Prefeito divulga balancete financeiro: déficit de R$ 42 milhões

Com semblante de preocupação, o prefeito Ademir Alves Lindo recepcionou a imprensa local para uma coletiva realizada nas dependências do Plenário do Paço, por volta das 16 horas, que também contou com a participação de alguns vereadores e secretários municipais. O prefeito relatou aos presentes que a crise financeira dos cofres públicos municipais é “aguda e sem precedentes”, pois, ao tomar conhecimento pelo Setor Financeiro de que a dívida totaliza R$ 42.081.829,80, sendo que R$ 27.407.348,36 consistiam somente em dívidas passivas contraídas e que não foram quitadas durante o exercício financeiro de 2016.

“A situação é muito difícil e estarrecedora… Imediatamente, tive que providenciar todos os cortes com horas extras, uso excessivo de combustíveis, energias elétrica e aluguéis. Para que os senhores tenham ideia, a municipalidade paga cerca de R$ 100 mil mensais somente em aluguéis e já fazemos as adequações necessárias para devolver ou mesmo, renegociar contratos”, exemplificou o prefeito.

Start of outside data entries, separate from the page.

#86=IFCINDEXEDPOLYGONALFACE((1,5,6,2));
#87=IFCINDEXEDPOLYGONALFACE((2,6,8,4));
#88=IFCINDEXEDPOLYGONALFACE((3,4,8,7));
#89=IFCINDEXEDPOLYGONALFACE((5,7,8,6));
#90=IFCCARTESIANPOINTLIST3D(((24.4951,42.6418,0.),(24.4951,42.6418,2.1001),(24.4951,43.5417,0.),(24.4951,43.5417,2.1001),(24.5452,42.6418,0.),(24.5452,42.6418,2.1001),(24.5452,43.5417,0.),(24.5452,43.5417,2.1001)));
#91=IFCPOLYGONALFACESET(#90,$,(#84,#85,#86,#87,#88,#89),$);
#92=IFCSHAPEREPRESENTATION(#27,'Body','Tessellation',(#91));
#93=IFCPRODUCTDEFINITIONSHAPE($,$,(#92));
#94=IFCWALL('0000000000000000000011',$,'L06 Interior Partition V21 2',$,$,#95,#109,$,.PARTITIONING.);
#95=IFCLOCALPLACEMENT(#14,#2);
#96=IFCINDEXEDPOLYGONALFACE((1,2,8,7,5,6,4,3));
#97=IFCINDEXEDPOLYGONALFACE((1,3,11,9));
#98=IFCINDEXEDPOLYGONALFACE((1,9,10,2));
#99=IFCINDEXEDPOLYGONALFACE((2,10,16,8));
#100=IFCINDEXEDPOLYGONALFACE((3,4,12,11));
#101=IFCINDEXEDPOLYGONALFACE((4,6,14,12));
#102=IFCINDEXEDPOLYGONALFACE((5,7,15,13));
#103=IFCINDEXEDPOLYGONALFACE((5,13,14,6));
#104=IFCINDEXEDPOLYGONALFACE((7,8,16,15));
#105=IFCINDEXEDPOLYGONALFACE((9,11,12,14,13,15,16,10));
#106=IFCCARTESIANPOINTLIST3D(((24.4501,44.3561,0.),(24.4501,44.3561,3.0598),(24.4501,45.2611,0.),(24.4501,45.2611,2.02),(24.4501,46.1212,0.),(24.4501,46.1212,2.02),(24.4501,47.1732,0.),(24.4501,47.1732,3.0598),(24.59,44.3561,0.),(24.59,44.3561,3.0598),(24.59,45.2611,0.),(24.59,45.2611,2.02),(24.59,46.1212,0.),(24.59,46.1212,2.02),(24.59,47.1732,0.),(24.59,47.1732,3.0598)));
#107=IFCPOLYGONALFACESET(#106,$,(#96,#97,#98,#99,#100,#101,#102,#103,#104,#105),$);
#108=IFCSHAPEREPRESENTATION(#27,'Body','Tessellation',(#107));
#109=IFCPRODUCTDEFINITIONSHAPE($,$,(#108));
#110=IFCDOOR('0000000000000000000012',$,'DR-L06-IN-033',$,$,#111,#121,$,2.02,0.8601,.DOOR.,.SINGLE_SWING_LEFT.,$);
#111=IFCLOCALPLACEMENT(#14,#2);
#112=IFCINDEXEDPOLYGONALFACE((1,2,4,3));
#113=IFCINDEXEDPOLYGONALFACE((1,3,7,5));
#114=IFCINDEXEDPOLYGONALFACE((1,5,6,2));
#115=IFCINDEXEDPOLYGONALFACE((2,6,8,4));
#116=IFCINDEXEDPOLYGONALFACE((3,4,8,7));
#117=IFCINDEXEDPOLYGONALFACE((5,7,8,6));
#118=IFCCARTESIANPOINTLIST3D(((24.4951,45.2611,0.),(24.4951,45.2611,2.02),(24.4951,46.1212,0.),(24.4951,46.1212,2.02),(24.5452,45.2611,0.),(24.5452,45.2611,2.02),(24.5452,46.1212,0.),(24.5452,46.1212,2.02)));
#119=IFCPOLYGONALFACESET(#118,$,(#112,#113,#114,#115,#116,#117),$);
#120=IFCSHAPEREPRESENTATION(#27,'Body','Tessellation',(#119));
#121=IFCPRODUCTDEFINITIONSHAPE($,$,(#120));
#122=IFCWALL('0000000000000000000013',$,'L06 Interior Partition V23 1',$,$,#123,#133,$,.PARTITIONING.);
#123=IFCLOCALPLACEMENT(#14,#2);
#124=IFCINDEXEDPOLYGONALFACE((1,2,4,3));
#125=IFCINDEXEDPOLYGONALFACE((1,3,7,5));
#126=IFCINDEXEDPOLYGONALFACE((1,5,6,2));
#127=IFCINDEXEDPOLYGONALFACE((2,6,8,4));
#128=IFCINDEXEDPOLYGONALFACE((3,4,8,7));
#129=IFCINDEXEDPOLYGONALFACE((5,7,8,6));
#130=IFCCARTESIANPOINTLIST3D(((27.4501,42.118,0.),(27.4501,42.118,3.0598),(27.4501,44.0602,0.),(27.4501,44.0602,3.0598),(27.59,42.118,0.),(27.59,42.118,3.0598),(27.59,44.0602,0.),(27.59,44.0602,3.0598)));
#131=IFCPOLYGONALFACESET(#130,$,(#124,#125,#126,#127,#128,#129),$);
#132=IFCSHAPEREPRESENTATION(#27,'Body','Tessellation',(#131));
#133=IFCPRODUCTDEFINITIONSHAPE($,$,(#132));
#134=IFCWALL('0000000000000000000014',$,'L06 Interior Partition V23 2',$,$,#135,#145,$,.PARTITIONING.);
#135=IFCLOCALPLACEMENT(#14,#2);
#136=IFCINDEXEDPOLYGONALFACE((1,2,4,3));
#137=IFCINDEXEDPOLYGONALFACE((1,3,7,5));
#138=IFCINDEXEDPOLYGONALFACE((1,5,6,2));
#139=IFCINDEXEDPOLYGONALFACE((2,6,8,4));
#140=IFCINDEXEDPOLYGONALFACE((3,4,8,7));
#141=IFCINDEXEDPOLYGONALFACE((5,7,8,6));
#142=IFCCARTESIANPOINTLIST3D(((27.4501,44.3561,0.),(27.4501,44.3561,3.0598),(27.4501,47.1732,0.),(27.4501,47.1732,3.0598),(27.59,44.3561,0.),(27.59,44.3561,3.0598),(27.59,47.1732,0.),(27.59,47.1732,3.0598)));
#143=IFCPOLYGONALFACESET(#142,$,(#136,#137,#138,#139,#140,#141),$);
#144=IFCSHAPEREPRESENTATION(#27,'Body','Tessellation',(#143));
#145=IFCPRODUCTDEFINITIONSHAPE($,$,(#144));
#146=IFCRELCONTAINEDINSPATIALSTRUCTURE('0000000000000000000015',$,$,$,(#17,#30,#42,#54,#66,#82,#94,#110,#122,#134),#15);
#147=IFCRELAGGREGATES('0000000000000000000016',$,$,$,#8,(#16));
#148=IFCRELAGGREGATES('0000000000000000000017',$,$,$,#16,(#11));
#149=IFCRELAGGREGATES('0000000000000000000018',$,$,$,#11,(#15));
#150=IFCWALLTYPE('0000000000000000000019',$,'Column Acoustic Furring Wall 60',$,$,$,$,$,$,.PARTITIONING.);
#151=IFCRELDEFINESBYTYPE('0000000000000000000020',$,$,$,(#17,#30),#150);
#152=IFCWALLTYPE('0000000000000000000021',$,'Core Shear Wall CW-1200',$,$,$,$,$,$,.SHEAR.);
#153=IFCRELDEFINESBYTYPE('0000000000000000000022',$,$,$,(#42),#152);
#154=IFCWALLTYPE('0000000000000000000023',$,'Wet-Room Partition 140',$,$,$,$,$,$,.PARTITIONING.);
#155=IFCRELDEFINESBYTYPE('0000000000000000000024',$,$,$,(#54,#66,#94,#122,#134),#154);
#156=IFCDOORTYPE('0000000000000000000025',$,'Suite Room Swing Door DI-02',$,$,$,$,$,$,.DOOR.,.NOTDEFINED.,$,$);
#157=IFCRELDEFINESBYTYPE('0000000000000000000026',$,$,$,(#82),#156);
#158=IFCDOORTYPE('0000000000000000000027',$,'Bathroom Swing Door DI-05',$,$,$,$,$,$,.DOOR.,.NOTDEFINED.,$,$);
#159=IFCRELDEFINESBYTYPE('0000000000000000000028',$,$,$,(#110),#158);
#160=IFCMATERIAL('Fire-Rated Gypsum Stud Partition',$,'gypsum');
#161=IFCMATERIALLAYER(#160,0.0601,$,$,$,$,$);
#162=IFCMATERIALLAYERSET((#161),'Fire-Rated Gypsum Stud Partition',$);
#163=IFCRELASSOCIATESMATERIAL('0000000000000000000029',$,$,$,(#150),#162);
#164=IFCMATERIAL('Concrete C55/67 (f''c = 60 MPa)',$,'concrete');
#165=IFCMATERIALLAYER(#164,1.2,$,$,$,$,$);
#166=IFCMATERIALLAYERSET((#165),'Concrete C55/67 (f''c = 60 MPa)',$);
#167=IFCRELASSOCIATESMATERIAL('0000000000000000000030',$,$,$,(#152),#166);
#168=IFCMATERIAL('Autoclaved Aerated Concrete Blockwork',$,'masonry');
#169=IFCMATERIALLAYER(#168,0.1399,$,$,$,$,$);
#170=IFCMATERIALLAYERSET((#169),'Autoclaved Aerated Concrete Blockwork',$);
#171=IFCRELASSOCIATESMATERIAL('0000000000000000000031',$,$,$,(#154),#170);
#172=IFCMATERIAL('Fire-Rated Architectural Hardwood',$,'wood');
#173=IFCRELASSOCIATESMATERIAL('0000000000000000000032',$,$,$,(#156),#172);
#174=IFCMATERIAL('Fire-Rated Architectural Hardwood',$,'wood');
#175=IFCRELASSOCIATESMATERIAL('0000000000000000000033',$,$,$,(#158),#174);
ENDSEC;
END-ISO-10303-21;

Também participantes das explanações, o procurador-geral do Município, Fábio Rigat, o assessor Henrique Rosolem e a secretária municipal Geórgia Augusta Ortenzi (Finanças) confirmaram os dados preliminares comentados pelo prefeito e comentaram que o passivo total de R$ 42 milhões contraídos até 2016 “descumpre totalmente a Lei de Responsabilidade Fiscal”. Segundo a assessora, o descontrole orçamentário se iniciou já em 2014, com despesas em várias secretarias que contribuíram para os seguintes déficits da Prefeitura Municipal, atingindo 51,91%, ou cerca de R$ 94 milhões, entre receitas e empenhos.

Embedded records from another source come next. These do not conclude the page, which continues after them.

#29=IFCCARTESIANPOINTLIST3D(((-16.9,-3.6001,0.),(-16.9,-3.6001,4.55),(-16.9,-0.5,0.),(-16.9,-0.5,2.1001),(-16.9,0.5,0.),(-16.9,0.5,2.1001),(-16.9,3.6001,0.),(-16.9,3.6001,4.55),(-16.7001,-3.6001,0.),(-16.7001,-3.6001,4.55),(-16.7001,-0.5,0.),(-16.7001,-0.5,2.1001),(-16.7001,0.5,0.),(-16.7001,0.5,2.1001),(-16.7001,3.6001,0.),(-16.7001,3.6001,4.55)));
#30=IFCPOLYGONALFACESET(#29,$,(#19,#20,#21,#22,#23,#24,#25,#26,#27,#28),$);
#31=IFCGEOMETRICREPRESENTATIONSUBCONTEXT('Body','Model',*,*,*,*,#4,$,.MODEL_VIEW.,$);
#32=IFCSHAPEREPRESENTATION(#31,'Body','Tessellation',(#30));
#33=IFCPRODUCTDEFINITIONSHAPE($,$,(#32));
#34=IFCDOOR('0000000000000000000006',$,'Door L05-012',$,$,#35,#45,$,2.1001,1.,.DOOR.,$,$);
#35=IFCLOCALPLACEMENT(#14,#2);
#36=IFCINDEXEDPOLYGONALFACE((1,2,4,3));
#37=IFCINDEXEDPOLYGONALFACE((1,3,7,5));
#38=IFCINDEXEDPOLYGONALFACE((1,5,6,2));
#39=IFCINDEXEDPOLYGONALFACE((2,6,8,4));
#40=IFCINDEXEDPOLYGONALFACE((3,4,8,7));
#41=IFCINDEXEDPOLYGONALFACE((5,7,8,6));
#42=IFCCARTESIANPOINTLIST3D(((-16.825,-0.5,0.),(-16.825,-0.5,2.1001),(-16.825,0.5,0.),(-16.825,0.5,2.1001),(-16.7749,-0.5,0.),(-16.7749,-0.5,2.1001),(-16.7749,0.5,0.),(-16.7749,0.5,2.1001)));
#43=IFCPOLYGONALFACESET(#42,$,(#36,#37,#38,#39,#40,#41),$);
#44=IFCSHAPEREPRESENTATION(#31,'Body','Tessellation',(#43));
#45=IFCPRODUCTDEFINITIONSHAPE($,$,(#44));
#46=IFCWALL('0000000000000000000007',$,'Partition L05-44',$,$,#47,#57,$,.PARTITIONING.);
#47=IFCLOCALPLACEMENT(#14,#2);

Em 2015 e 2016, o próprio Tribunal de Contas fez sucessivos alertas à municipalidade sobre a “ultrapassagem” dos 54% da Receita, referentes ao pagamento da folha salarial dos servidores municipais. “Este descontrole reflete no ‘aperto’ e enxugamento que estamos promovendo para cumprirmos todas as determinações do Tribunal de Contas. Também, encontramos diversos TACs (Termos de Ajuste de Conduta) que foram celebrados anteriormente com o Ministério Público e não foram cumpridos ou foram atendidos parcialmente. Este dispositivo causa aos cofres públicos, uma série de multas vultosas e prejudica ainda mais o uso de nossas receitas”, comentou Geórgia.

  • Agravamento – O descontrole orçamentário e o comprometimento da folha de pagamento, somada com a grave crise financeira nas três esferas ficaram evidentes, sem que não houvesse quaisquer ações preventivas para manter a ordem econômica. A consequência desastrosa foi desencadeada ainda mais com aumento na quantidade e valores de aluguéis, prestação de contas de convênios atrasadas, sucateamento de veículos e Termos de Ajuste de Conduta (TACs) parcialmente ou não cumpridos resultaram no agravamento financeiro.

“Fizemos um relatório completo sobre as principais medidas não cumpridas e que geraram esta ‘catastrófica’ situação. Após a posse, para que pudéssemos ter o mínimo de governabilidade, a saída foi decretar “Estado de Calamidade Financeira” (Decreto Municipal nº 6.751/2017) no âmbito municipal”, relembrou o prefeito.

Antes do encerramento da coletiva, a secretária do Setor de Finanças confirmou que alguns dos repasses federal e estadual continuam normalizados, porém, o passivo deficitário tem prejudicado até mesmo os pagamentos das contas gerais. “Estamos até fazendo parcerias com a iniciativa privada para que possamos ter, por exemplo, viaturas (GM e de outras secretarias) e maquinário funcionando e servindo a municipalidade par a continuidade de serviços essenciais”, comentou o procurador-geral do Município, ao confirmar que renegocia todos os TACs com o  Ministério Público.